Lettre à Stéphane de Groodt (17)

Mon maître, mon gourou, mon Groodt,

Ma chronique Recherche S'éphane Désespérément continue. Mon périple à travers l'Europe m'amène maintenant à Kaboul, l'autre pays du kaboulé (ou kaboulie pour les intimes). Il ne manquait plus que ça se sent quand c'est toi qui es dans la kitchen.

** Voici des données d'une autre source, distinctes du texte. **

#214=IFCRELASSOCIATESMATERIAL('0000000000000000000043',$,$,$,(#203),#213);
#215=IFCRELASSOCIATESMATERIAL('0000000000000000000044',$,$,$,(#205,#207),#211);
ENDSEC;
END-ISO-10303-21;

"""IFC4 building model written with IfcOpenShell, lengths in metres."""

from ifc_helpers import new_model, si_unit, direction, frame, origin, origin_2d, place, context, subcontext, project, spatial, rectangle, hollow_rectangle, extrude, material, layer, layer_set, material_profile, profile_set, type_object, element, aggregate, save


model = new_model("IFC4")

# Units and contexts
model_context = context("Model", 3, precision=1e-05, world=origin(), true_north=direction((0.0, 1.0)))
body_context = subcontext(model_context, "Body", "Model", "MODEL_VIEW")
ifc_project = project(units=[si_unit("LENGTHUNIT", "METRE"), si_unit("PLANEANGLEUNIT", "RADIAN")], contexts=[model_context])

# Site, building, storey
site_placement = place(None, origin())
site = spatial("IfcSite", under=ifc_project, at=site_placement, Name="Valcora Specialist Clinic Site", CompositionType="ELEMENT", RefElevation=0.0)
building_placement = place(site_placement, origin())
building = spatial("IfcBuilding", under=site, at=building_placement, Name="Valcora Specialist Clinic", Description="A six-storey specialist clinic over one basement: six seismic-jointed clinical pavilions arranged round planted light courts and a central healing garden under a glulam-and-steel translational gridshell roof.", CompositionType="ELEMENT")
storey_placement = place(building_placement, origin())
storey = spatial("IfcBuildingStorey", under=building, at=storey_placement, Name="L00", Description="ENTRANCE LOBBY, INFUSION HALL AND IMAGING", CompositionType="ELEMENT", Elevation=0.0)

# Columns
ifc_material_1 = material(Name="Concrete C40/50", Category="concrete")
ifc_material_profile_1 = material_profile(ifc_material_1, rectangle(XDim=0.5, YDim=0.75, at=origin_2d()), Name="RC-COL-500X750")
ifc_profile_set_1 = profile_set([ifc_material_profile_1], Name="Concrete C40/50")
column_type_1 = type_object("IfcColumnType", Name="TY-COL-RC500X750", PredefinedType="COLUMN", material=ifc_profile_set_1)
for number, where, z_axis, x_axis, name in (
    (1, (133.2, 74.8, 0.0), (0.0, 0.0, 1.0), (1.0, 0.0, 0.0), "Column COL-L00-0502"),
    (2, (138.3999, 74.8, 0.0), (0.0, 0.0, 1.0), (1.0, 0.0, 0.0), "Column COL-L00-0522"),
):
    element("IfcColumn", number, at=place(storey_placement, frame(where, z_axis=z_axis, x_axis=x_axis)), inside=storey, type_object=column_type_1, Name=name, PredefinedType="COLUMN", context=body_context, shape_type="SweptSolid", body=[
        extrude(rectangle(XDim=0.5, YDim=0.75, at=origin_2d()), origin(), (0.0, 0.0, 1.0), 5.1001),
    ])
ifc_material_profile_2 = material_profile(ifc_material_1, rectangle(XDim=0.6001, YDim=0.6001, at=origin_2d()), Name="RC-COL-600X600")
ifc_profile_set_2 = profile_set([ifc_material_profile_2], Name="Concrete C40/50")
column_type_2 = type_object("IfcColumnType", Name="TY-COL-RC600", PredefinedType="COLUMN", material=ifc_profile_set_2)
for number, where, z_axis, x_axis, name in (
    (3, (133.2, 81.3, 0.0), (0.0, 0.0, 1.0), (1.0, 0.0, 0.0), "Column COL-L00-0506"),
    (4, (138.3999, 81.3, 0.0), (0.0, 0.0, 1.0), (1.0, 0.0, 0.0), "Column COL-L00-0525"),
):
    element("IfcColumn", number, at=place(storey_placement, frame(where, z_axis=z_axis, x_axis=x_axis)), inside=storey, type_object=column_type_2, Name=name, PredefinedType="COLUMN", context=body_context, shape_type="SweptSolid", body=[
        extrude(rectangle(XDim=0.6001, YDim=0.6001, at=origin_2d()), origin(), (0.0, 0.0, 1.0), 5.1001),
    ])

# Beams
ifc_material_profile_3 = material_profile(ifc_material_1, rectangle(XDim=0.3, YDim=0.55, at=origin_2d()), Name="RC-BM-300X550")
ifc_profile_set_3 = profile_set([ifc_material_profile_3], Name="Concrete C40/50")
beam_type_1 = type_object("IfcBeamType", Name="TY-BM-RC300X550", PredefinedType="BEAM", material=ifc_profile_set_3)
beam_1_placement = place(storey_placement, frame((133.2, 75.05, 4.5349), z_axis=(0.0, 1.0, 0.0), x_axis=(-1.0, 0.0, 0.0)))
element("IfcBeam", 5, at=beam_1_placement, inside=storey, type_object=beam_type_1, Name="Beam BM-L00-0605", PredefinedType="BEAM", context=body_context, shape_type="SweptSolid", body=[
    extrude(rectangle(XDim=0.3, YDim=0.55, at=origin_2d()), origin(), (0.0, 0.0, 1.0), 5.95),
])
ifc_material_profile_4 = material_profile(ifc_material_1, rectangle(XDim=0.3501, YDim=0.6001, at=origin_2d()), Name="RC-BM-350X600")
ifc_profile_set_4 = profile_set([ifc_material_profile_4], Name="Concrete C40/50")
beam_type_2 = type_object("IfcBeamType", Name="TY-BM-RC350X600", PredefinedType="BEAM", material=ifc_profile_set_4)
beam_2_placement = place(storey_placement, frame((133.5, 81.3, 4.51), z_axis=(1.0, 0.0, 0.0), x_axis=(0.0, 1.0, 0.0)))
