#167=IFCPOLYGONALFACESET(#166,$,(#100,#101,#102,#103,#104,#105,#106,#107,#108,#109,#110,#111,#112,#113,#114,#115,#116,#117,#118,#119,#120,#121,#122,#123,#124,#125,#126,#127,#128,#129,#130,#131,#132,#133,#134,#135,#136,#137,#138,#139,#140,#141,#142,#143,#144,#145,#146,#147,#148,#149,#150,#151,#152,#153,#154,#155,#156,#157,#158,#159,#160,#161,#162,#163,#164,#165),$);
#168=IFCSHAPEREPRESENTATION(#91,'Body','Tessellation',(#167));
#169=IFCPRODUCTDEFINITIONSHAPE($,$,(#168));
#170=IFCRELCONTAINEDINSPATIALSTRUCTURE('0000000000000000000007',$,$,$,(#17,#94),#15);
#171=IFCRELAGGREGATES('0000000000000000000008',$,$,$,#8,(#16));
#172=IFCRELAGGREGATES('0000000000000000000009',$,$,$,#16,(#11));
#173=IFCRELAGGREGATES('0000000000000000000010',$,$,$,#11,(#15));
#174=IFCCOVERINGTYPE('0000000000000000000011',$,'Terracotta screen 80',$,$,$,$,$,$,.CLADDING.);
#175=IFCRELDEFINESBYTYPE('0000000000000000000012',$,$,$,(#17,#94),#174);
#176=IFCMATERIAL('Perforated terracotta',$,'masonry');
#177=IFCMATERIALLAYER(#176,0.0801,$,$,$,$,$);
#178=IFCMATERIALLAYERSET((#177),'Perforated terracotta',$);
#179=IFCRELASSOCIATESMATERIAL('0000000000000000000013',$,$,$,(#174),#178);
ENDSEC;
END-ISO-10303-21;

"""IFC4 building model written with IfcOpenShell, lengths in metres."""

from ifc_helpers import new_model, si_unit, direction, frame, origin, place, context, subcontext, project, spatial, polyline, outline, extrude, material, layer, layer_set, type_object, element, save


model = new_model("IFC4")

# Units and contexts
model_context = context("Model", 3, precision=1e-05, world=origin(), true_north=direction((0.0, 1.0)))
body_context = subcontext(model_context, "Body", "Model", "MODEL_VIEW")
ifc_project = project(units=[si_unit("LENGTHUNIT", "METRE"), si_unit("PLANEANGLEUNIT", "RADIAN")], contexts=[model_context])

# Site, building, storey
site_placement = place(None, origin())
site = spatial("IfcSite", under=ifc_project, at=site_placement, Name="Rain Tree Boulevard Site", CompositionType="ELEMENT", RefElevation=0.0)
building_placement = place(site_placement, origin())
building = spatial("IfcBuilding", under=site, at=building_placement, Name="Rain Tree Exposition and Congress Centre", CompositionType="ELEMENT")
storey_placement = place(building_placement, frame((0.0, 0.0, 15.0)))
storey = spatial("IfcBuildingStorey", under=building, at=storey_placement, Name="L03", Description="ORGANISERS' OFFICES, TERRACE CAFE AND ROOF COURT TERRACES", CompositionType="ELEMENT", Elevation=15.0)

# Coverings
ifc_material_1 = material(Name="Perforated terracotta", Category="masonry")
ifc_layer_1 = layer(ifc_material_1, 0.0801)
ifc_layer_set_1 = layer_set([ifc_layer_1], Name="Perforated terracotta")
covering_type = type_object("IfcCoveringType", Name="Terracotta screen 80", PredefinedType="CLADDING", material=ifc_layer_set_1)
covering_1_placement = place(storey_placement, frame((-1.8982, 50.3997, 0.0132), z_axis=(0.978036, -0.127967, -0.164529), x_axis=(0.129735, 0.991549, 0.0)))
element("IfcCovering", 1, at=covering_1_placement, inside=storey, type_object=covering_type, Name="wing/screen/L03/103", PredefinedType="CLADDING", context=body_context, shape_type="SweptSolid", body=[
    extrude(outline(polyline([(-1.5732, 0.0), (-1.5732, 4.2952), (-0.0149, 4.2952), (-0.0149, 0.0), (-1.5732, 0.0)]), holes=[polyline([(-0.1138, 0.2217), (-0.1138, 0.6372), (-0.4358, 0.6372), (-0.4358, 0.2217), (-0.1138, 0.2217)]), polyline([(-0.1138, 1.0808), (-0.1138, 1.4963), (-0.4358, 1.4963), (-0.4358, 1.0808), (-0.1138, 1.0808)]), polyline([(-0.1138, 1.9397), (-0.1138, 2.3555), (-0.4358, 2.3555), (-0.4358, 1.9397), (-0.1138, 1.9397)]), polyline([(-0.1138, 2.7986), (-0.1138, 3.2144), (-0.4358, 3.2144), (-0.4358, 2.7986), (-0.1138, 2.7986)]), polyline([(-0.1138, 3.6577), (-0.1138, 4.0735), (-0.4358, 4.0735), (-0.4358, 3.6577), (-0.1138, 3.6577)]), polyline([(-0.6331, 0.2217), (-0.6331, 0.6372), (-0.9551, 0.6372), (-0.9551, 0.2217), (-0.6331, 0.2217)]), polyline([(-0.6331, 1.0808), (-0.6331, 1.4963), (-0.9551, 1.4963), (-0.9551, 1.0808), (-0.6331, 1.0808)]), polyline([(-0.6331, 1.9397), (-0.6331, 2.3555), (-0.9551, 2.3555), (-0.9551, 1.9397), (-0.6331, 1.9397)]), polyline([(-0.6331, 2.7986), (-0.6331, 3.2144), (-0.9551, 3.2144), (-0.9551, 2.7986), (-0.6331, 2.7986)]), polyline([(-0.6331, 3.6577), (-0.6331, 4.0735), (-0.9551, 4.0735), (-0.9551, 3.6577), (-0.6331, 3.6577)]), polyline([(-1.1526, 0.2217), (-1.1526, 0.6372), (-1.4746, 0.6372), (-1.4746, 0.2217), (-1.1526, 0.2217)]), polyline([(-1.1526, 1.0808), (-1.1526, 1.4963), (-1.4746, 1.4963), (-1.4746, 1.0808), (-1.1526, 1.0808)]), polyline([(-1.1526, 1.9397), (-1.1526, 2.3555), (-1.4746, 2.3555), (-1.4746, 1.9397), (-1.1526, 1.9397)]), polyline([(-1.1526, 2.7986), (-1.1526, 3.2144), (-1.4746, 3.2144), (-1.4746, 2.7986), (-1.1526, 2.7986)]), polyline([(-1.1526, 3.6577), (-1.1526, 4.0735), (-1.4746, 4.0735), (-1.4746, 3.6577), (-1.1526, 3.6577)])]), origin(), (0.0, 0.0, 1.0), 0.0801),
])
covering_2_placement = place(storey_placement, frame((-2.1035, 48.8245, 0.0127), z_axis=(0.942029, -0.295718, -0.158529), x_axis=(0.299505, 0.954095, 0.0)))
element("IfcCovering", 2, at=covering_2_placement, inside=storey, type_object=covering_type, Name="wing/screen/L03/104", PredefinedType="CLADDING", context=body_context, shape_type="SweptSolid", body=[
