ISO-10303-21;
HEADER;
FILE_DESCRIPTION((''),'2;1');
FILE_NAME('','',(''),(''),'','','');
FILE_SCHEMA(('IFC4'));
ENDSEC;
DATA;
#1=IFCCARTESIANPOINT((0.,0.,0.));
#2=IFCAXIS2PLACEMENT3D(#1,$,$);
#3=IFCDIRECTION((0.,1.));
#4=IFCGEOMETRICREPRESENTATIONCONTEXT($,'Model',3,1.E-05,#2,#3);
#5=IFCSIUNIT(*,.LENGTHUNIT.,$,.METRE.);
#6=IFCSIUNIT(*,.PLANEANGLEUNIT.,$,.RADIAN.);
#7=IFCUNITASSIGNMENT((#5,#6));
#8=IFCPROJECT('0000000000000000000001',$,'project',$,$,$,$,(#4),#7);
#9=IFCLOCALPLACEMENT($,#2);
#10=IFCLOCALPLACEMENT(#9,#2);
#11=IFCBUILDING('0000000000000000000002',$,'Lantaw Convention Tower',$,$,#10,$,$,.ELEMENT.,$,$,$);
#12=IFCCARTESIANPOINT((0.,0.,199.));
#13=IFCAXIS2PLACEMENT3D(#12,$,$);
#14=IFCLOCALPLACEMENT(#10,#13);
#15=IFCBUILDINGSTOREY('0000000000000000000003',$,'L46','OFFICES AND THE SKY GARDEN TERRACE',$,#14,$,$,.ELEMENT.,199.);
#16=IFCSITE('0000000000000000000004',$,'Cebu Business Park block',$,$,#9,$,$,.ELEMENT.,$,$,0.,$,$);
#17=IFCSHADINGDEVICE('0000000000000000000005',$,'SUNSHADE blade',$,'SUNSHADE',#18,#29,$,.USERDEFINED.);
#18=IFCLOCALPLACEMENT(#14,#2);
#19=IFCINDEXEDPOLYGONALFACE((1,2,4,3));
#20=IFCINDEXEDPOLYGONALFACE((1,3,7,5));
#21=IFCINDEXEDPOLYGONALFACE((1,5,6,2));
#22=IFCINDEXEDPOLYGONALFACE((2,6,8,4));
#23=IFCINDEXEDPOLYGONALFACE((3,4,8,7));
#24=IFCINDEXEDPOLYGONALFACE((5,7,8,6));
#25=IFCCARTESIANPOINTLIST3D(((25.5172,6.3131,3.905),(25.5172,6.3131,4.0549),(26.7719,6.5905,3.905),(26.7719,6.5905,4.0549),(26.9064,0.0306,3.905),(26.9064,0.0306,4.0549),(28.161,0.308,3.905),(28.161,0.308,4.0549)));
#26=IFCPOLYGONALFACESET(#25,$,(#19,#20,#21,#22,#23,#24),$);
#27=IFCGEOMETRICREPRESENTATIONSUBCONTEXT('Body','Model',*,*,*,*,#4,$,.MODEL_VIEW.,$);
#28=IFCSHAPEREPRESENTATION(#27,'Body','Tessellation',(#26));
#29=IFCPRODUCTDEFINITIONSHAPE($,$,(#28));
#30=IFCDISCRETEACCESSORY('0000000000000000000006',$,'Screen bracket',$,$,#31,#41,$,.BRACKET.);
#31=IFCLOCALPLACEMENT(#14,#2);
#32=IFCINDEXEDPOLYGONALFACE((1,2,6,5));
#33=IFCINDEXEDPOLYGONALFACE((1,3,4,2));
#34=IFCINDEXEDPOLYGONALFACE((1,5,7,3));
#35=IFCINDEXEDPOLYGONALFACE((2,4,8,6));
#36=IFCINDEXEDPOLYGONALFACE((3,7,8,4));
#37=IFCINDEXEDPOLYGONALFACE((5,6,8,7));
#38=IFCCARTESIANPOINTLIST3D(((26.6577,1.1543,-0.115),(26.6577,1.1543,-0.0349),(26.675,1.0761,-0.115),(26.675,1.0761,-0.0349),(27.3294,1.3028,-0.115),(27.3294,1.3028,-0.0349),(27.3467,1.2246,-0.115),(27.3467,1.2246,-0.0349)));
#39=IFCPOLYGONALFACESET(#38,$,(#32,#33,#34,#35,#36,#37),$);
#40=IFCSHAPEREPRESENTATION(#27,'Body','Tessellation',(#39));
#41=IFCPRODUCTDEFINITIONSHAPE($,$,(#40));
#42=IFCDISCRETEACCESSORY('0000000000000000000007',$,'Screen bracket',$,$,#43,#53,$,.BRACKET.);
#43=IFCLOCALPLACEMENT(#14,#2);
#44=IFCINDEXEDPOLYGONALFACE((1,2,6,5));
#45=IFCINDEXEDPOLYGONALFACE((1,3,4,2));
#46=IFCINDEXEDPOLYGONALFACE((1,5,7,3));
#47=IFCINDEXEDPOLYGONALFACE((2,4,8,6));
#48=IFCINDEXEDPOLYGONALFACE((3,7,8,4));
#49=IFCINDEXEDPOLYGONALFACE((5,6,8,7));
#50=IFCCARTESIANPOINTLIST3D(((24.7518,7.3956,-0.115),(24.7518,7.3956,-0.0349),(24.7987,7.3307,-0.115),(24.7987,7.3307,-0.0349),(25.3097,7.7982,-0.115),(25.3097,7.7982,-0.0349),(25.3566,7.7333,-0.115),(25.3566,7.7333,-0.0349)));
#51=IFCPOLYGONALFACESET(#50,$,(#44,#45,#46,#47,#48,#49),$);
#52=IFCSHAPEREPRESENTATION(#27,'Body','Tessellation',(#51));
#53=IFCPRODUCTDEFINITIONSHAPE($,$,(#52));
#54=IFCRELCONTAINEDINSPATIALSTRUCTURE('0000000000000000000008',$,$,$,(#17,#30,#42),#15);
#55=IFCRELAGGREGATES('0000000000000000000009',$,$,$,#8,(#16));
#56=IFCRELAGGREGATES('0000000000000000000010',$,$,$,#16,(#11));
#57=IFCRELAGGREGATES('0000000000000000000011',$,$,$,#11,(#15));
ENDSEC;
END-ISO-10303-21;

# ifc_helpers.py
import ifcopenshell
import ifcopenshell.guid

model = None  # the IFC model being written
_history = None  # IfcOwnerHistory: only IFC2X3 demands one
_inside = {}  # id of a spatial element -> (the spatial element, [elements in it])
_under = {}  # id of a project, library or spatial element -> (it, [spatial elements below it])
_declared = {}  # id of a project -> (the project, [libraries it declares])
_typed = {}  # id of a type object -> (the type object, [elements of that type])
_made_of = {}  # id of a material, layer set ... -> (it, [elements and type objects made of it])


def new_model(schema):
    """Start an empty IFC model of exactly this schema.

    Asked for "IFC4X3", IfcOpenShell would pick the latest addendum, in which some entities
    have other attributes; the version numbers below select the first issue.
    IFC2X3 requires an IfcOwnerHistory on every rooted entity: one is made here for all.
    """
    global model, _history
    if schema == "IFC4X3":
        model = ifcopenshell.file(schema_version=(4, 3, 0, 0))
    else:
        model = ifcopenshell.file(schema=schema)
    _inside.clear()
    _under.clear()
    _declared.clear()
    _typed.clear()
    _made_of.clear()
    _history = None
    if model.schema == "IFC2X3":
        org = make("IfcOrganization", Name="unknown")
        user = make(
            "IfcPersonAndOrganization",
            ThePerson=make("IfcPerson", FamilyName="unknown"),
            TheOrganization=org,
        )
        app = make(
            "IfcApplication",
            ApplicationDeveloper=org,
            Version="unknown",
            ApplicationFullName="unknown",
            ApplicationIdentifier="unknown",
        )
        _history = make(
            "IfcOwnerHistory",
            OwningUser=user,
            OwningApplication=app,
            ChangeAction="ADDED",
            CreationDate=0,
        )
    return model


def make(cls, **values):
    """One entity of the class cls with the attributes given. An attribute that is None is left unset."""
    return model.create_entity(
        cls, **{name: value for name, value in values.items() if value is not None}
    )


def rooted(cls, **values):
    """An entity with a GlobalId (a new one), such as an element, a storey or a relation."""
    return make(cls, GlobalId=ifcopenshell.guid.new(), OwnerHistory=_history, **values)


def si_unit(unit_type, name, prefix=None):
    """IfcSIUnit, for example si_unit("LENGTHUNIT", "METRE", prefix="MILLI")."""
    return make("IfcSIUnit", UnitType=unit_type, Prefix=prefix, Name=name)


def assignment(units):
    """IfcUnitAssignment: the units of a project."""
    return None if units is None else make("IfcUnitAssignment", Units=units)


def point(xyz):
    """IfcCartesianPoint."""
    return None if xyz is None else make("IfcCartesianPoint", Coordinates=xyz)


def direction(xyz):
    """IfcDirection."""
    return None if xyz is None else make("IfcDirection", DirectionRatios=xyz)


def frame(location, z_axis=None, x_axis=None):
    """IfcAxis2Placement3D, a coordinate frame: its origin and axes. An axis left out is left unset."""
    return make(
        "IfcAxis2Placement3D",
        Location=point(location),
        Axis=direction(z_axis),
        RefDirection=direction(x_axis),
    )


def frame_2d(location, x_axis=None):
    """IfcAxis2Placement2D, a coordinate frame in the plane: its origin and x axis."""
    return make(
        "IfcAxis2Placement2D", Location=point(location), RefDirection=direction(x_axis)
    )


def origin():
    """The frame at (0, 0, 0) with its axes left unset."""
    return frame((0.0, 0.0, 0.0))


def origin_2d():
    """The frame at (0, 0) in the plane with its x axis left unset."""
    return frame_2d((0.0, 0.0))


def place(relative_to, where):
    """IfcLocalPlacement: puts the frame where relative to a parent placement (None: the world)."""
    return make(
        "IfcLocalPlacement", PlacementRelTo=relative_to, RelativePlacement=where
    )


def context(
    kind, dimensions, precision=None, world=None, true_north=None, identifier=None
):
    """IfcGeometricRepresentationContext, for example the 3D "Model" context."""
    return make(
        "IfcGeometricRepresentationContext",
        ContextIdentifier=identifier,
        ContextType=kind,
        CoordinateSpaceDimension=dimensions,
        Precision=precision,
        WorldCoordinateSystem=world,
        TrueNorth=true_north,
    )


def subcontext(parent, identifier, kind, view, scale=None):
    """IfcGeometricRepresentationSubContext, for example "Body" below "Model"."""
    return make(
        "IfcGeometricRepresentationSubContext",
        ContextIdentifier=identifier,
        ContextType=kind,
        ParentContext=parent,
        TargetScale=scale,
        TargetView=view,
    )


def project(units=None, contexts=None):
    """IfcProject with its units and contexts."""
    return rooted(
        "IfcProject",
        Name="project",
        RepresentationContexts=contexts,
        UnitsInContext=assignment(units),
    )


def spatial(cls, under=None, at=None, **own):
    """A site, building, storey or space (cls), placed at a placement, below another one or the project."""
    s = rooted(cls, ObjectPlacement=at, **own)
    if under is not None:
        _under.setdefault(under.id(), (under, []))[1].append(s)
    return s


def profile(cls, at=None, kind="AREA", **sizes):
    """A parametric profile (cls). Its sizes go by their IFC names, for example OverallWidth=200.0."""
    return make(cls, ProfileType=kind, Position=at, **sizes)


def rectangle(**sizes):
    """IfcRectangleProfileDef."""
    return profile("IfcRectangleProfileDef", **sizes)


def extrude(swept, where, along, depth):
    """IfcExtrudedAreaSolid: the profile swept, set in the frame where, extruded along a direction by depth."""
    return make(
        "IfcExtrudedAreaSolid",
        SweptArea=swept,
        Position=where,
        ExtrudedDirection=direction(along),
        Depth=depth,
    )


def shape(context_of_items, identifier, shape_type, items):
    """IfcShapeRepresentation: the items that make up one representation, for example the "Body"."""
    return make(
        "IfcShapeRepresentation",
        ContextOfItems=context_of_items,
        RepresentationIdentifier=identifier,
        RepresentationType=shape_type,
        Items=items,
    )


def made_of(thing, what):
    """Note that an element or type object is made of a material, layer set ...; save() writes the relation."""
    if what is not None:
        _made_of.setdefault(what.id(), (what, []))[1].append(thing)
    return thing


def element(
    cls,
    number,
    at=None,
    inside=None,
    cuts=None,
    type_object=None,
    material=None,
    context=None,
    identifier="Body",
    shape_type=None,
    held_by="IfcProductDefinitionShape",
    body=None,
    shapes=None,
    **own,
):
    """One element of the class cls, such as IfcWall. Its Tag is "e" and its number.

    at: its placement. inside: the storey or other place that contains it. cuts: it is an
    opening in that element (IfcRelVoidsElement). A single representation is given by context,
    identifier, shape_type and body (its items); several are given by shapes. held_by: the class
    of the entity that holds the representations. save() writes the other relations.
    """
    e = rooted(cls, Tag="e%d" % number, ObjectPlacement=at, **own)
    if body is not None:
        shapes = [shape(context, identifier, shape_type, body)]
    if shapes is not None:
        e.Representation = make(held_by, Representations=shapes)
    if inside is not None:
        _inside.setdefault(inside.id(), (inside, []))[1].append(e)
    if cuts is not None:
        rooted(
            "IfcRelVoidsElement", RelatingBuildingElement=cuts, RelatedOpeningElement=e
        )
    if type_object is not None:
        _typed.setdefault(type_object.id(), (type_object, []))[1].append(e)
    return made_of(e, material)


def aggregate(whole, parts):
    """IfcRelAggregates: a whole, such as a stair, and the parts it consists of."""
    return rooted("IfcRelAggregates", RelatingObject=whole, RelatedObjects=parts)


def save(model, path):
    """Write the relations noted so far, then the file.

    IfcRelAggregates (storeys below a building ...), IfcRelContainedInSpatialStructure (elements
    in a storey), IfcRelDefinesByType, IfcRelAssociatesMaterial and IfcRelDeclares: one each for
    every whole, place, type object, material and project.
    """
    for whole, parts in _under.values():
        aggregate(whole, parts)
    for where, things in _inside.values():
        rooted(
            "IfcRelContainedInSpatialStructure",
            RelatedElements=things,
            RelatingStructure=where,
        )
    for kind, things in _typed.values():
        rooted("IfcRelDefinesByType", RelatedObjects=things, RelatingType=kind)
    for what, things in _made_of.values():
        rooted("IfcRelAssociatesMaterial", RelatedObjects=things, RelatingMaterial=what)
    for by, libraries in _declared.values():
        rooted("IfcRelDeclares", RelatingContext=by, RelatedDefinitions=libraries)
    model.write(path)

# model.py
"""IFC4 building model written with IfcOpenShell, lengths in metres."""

from ifc_helpers import new_model, si_unit, direction, frame, origin, origin_2d, place, context, subcontext, project, spatial, rectangle, extrude, element, save


model = new_model("IFC4")

# Units and contexts
model_context = context("Model", 3, precision=1e-05, world=origin(), true_north=direction((0.0, 1.0)))
body_context = subcontext(model_context, "Body", "Model", "MODEL_VIEW")
ifc_project = project(units=[si_unit("LENGTHUNIT", "METRE"), si_unit("PLANEANGLEUNIT", "RADIAN")], contexts=[model_context])

# Site, building, storey
site_placement = place(None, origin())
site = spatial("IfcSite", under=ifc_project, at=site_placement, Name="Cebu Business Park block", CompositionType="ELEMENT", RefElevation=0.0)
building_placement = place(site_placement, origin())
building = spatial("IfcBuilding", under=site, at=building_placement, Name="Lantaw Convention Tower", CompositionType="ELEMENT")
storey_placement = place(building_placement, frame((0.0, 0.0, 199.0)))
storey = spatial("IfcBuildingStorey", under=building, at=storey_placement, Name="L46", Description="OFFICES AND THE SKY GARDEN TERRACE", CompositionType="ELEMENT", Elevation=199.0)

# Shading device
shading_device_placement = place(storey_placement, frame((26.8391, 3.3105, 3.905), z_axis=(0.0, 0.0, 1.0), x_axis=(-0.215891, 0.976417, 0.0)))
element("IfcShadingDevice", 1, at=shading_device_placement, inside=storey, Name="SUNSHADE blade", ObjectType="SUNSHADE", PredefinedType="USERDEFINED", context=body_context, shape_type="SweptSolid", body=[
    extrude(rectangle(XDim=6.4343, YDim=1.2849, at=origin_2d()), origin(), (0.0, 0.0, 1.0), 0.1499),
])

# Discrete accessories
for number, where, z_axis, x_axis, name in (
    (2, (27.0022, 1.1895, -0.115), (0.0, 0.0, 1.0), (-0.215891, 0.976417, 0.0), "Screen bracket"),
    (3, (25.0542, 7.5645, -0.115), (0.0, 0.0, 1.0), (-0.585158, 0.81092, 0.0), "Screen bracket"),
):
    element("IfcDiscreteAccessory", number, at=place(storey_placement, frame(where, z_axis=z_axis, x_axis=x_axis)), inside=storey, Name=name, PredefinedType="BRACKET", context=body_context, shape_type="SweptSolid", body=[
        extrude(rectangle(XDim=0.0801, YDim=0.688, at=origin_2d()), origin(), (0.0, 0.0, 1.0), 0.0801),
    ])

save(model, "model.ifc")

Autre pays, autre continent, autres mœurs, autre "mais qu'est-ce que je fous dans cette galère de rien" !? L'Afghanistan, ni s'détend d'ailleurs, m'offre un cercueil, heu un accueil des plus chaleureux... il fait 45° C. ! C'est en sueur et en sous-vêtement (ben oui, j'ai chaud !) que je pose ma valise en béton .. elle pèse une tonne entre le casque, le gilet pare-balles et les casseroles Téfou en titane (ça peut servir !).

Je regrette de ne pas être un chameau ou un drone-Madère pour mieux tenir le coup. J'ai besoin d'un bol d'air ou d'une bonne bière, c'est selon. Je me mets donc à la recherche d'un café avant de chercher une cache, oubliant ma tenue désinvolte et quelque peu inappropriée... Je ne sais point si le malaise qui me prend est dû à l'étouffe en chaleur (quelqu'un peut éteindre le radiateur ? non ?) ou aux regards en-six-temps (on aperçoit, on regarde, on n'en croit pas ses yeux, on ferme les yeux, on regarde mieux, on écarquille les yeux !).

Une femme me saute dessus mais je ne sais pas si on peut la qualifier de bombe-ass, je ne vois devant moi qu'un poteau noir qui se dandine. Elle crie "burqa ! burqa !" Mais non, je viens de Bordeaux moi, Burdigala ! Elle me tend un sac noir que je n'ai absolument pas envie de revêtir. On m'a toujours dit de ne pas porter de noir au soleil. Bon, en même temps, les africains n'ont pas eu trop le choix alors par solidarité éthique et nique (bizarre, je connais Tic & Tac mais là ...) heu, ethnique, je consens unilatéralement moi-même à l'insu de mon plein-gré à prendre le voile...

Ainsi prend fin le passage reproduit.